Не нужна ему любовь. Да он и сам этого не скрывал.
Но тогда что между нами было? Почему так сильно тянуло друг к другу, что казалось невозможным расстаться? Я ведь не могла ошибиться.
А теперь все в прошлом – у Воробышка своя жизнь, а у меня своя, без возможности выздороветь и что-либо забыть. Я словно знала, не стала ему ничего обещать на прогулке в парке.
Трудно это. Проще жить, как получается.
Зато у Юльки Карась в личной жизни наметились изменения к лучшему. После неудачного свидания с Климом, она решилась сходить на свидание с Богданом и, похоже, поговорка «клин клином вышибается» неожиданно сработала. Во всяком случае, парень нашей Рыбке понравился, никакого секса и даже поцелуев у них не случилось, но по коридорам университета Карась теперь плавала задумчивая и загадочная, время от времени заглядываю в мессенджер телефона и улыбаясь. Так что из нашей троицы одна Ясмина держала ухо востро и замечала то, что происходит вокруг.
Она-то первая и забила тревогу.
– Девочки, а вы заметили, что наши бабуины – Стрельбицкий с Ильченко Костерковой проходу не дают. Я думала, мне показалось, но нет. Сначала Ильченко возле нее крутился, а теперь Авдотий распинается. Третий день наблюдаю, как он вокруг Брони круги нарезает. Во вторник к ней в кафе подсел – с чего бы вдруг? А вчера видела их вместе на остановке. Теперь вон в коридоре ее к окну прижал.
– И что? А может, он влюбился? – задумчиво пожимает плечами Юлька. – Если Броня рыжая, так что же, и понравится никому не может?
Но Яся на слова подруги только фыркает:
– Карась, очнись! Это же Стрельбицкий! Авдотий способен влюбится только в свое отражение и ни в кого больше! Откуда там взяться чувствам?
– Так, может, это он Костерковой нравится, а не наоборот. Мы ведь так и не узнали, кто тот бессердечный парень, который ее обманул и посмеялся. А вдруг это Авдотий, и она его простила?
– Нет, девочки, я не верю, что она настолько глупышка, – замечаю я. – Сначала они насмехались над ней, до больницы довели, а теперь вдруг симпатия возникла?
– И что? С ее самооценкой все возможно, – возражает Юлька, и Яся озадаченно поддакивает:
– Вот именно. Жаль, что из нее признание не выпытать. Лично я против Брони ничего не имею, но сегодня же намерена поговорить с Владом, – хмуро продолжает подруга, закусывая губу и поглядывая в сторону парочки, что уединилась в тупике коридора. – Посмотрите, она на него глаза поднять боится и мне это не нравится!

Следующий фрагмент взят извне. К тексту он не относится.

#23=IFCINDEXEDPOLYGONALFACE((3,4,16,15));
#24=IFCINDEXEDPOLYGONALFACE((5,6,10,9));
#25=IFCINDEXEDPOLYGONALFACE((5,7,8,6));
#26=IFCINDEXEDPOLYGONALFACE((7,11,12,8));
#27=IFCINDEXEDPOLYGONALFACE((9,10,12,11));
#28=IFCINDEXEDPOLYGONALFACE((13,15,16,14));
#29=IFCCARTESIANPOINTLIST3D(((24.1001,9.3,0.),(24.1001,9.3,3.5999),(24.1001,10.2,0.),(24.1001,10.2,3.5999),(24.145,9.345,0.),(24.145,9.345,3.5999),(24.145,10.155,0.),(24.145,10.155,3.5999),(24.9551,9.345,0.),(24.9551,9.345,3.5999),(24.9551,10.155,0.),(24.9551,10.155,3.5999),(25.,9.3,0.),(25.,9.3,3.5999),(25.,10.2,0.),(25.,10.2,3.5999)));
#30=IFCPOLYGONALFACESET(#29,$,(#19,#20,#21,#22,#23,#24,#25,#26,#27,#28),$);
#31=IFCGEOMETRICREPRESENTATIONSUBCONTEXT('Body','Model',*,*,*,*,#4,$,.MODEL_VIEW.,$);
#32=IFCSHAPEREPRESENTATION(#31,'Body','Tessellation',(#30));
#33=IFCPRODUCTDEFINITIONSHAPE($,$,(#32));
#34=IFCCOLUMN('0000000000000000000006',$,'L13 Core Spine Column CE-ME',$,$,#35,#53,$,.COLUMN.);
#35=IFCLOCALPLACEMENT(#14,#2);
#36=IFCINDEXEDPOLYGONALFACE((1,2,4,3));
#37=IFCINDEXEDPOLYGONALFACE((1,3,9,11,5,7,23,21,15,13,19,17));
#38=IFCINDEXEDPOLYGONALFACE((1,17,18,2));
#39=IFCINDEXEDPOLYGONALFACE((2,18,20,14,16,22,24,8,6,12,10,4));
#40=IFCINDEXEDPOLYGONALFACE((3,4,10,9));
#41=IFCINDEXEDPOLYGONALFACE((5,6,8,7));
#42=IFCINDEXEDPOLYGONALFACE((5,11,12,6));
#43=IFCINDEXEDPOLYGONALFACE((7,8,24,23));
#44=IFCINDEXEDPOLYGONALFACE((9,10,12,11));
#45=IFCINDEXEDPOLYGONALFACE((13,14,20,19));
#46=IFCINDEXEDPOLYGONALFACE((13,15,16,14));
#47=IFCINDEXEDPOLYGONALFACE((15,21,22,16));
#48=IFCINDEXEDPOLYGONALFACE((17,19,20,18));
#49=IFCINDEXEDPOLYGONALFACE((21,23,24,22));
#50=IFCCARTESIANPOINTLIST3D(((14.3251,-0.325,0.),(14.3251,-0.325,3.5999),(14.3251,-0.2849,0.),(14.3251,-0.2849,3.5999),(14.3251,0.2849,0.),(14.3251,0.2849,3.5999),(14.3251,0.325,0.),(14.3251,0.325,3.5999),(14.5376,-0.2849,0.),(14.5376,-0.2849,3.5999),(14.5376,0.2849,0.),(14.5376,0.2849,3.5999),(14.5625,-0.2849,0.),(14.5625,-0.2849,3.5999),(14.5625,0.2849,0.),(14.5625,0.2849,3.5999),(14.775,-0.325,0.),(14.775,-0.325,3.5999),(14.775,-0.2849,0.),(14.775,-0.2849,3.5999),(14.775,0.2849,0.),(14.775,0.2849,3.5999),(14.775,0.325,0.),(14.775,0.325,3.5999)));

Мне это тоже не нравится, именно поэтому я подсаживаюсь к Костерковой на лекции по информатике и стараюсь от нее не отходить до конца дня. Девушка она тихая и стеснительная, ярко-рыжая, чуть полненькая, вся в коричневых пятнах веснушек, очень милая, но скрытная. Из тех людей, кто лучше всего чувствует себя тогда, когда его не замечают (вот только попробуй не заметь такое яркое пятнышко!). И что ее связывает с мажором Стрельбицким – понять сложно.
Мне не хочется говорить с бывшим парнем, совсем. Но когда я вижу, как он намеренно задевает Броню на лестнице – трогает прядь волос девушки, вогнав ее в краску и забыв согнать с лица самоуверенную ухмылочку, показывающую его настоящее к ней отношение, я пересиливаю себя и догоняю парня в холле, уже на выходе из университета.
– Автодий, подожди! – окликаю. – Можно тебя на минутку?
Он идет не один, а со своим другом, здоровяком Ильченко – пренеприятнейшим типом из компании Влада Камалова, и парни, переглянувшись, останавливаются.
– Воронова? – удивляется Стрельбицкий, оборачиваясь и поправляя на плече рюкзак. – Ты это мне?
Я подхожу и замедляюсь. Останавливаюсь перед ним в двух шагах. Ближе подходить не хочется. Это словно возвращение к прошлому, которого я совсем не хочу.
– Да, тебе, – отвечаю. – Я хочу поговорить, Авдотий. Наедине.
– Неужели о нас с тобой, Воронова?
– Нет, – говорю поспешно, закрывая личную тему и намеренно не замечая его ухмылки. – О другом.
– А что случилось, Маргоша? Тебя бросил твой спортсмен? – тут же хмыкает здоровяк, и не думая отходить. – Не долго музычка играла, решила наладить старые контакты?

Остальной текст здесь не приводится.